Ora, mentre la prima parte del suo ragionamento potrebbe trovare orecchi disposti ad un benevolo ascolto anche fra molti intellettuali laici del nostro tempo, in quanto basata sulla convinzione che dalla coscienza e dalla natura vengano all’uomo le indicazioni per compiere una giusta scelta morale, la seconda, in cui Lambruschini si sofferma sulla condizione umana prima e dopo il peccato originale, certamente suona male a tutti quei filosofi ed educatori che non possono ammettere che vi sia bisogno di un Dio per stabilire la legge morale.
Eppure, a parte il fatto che tale parte è necessaria per capire pienamente il pensiero di questo pedagogista, che non per nulla era un sacerdote cattolico (per quanto progressista e vicino agli uomini del gabinetto Viesseux) e che, quindi, non si può comprendere se si fa astrazione dalla sua prospettiva cristiana, a noi sembra che proprio qui si annidi la parte decisiva del suo modo di intendere l’idea stessa di educazione.
L’uomo non è autosufficiente: non è in grado di darsi da sé la propria legge; né, se anche lo fosse, sarebbe capace di osservarla e di rispettarla sino in fondo.
La disobbedienza di Adamo ed Eva, che ai non cristiani può anche sembrare una favoletta per bambini, e tuttavia contiene una profonda verità psicologica e morale, è il simbolo di questa debolezza costituzionale della natura umana, unita alla libertà che pure lo caratterizza e lo distingue da altre creature.
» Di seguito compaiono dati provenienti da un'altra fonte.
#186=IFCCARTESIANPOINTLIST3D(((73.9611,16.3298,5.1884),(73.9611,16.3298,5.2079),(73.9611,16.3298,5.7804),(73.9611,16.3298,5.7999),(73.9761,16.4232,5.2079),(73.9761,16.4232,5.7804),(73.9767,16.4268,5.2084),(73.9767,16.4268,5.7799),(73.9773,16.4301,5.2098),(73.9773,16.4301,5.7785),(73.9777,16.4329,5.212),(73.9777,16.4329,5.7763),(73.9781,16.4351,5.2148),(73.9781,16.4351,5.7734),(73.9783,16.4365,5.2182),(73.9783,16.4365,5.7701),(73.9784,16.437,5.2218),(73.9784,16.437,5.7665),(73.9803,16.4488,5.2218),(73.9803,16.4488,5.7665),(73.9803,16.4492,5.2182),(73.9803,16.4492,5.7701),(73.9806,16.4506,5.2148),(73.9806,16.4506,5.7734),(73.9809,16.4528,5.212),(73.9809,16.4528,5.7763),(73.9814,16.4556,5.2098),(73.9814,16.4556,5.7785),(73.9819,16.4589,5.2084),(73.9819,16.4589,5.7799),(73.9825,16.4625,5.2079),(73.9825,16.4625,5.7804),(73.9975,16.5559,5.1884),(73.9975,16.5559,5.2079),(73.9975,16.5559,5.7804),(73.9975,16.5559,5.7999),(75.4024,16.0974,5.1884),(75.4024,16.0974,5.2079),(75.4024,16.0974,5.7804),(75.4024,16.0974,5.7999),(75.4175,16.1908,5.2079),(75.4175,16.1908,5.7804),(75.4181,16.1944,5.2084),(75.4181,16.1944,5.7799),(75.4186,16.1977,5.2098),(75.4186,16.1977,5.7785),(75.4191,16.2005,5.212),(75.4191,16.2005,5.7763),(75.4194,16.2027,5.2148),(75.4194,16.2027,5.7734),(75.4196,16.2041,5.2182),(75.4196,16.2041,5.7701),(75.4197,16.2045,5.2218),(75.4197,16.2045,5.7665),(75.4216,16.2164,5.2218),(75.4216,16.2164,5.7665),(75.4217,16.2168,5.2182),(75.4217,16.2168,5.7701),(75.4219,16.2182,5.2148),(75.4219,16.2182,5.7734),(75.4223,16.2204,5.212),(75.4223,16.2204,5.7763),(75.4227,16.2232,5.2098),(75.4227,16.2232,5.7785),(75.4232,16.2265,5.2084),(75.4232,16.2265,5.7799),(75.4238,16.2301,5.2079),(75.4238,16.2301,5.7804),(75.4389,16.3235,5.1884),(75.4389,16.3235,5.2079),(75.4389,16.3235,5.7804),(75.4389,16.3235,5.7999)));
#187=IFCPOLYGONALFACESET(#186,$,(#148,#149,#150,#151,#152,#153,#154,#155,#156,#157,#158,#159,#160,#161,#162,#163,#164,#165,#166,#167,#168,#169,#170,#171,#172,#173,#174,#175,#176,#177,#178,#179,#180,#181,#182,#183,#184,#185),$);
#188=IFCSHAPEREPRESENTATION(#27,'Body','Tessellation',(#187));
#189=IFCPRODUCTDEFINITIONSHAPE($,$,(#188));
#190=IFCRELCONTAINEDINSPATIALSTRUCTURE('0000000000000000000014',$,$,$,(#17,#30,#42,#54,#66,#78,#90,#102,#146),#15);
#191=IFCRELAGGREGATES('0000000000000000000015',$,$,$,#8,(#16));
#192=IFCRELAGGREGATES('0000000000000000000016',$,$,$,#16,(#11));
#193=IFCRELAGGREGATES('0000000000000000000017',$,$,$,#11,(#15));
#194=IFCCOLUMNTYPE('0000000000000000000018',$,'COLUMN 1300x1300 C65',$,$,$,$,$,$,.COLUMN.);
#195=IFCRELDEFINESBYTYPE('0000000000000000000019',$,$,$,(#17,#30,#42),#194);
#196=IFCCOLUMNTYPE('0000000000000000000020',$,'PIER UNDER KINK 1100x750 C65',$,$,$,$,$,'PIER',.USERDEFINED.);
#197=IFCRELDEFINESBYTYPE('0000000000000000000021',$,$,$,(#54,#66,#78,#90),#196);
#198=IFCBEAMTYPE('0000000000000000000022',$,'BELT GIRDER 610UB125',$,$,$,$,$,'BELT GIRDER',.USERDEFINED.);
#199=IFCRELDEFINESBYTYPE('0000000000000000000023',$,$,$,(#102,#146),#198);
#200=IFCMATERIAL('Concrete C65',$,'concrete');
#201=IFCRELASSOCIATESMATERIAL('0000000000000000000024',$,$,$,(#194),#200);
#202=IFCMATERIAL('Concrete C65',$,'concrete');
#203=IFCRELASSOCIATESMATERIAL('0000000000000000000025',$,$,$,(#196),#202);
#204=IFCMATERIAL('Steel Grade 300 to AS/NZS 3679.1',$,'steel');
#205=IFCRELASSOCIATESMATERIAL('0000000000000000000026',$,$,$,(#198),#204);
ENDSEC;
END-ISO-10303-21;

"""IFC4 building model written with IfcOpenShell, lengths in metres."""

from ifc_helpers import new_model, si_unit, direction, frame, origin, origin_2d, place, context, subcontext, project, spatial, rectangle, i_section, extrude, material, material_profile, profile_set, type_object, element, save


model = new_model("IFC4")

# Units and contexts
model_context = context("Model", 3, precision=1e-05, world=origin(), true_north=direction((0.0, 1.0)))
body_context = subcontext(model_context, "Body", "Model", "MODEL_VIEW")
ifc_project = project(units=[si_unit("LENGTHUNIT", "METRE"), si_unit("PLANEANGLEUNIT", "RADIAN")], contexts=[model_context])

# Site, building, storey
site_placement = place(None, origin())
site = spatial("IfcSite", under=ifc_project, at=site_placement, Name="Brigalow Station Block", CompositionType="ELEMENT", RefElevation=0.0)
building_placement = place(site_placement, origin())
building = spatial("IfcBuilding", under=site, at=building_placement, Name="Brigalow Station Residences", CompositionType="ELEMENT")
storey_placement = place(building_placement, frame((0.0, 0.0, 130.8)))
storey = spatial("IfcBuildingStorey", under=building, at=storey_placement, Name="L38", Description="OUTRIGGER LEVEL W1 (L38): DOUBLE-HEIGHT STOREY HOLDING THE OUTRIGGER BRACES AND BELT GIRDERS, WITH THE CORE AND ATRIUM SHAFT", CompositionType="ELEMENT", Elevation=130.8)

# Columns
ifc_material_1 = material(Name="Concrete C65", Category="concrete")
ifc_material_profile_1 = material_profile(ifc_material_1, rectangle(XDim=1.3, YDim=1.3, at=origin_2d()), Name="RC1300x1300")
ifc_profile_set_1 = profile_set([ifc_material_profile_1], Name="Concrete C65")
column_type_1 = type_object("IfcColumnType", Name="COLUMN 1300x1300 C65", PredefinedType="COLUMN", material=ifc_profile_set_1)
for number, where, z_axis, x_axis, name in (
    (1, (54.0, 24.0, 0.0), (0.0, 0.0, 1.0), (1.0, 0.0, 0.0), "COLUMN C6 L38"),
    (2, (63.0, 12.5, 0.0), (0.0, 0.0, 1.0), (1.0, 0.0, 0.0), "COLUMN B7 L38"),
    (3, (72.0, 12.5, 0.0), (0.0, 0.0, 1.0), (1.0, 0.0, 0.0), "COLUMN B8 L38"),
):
Ora, è proprio qui che si gioca la contraddizione fondamentale della cultura moderna, debitamente scientista e riduzionista, laicista e progressista; è proprio qui che sta il nodo centrale di ogni discorso sulla libertà dell’uomo, che gli intellettuali odierni non vogliono ammettere né riconoscere, temendo, altrimenti, di vedere sminuita la grandezza dell’uomo.
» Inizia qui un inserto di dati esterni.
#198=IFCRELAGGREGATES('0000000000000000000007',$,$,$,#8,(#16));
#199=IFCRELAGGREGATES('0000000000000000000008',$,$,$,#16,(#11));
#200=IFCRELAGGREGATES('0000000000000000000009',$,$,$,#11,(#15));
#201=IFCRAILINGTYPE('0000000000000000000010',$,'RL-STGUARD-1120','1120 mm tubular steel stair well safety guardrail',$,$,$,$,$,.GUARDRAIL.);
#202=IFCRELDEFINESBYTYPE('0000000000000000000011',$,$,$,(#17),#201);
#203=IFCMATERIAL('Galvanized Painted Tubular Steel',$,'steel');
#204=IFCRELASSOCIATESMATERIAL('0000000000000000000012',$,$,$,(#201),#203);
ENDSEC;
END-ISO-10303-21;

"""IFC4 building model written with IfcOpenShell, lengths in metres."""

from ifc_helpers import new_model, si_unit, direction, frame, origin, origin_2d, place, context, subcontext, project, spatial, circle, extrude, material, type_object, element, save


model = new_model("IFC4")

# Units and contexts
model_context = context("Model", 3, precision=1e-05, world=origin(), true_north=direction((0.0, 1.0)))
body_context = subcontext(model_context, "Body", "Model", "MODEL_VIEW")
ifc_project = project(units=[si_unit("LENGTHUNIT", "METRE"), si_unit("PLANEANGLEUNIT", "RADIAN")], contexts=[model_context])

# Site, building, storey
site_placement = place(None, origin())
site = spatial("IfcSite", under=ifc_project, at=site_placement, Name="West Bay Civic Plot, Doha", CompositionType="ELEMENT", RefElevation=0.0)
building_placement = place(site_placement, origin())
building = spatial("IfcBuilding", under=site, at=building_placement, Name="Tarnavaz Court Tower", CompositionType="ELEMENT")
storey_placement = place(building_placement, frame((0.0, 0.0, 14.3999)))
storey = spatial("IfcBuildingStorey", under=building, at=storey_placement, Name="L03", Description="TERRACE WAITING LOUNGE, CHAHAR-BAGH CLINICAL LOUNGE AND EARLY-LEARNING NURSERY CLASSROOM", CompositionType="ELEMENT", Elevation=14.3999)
Da un lato, essi esagerano questa grandezza, fino al punto di fare dell’uomo la sola creatura esistente in natura che sia soggetto di diritti, alla quale riservano, perciò, la prerogativa di disporre illimitatamente degli altri enti, manipolandoli a piacere; dall’altro, davanti alle evidenti debolezze dell’uomo ed alla sua manifesta incapacità di vivere in armonia anche solo con i propri simili, oltre che con se stesso, oscillano continuamente fra il desiderio di assolverlo da qualunque responsabilità, dichiarandolo privo di ogni libero volere, e il timore, se così facessero, di appannare la sua gloria e, più ancora, di smascherare la fallace promessa delle magnifiche sorti e progressive che la ragione e la scienza, imprudentemente, hanno fatto.
Forse è giunto il tempo di ripensare la “hybris”dell’uomo moderno e di riconoscere, con umiltà, la sua debolezza fondamentale: non per umiliarne la supposta grandezza, ma per rendere ragione del male morale che sempre imperversa, che nessuna rivoluzione riesce a estirpare e nessuna religione seria ha mai promesso di sradicare, ma, semmai, di limitare e circoscrivere, per quanto possibile.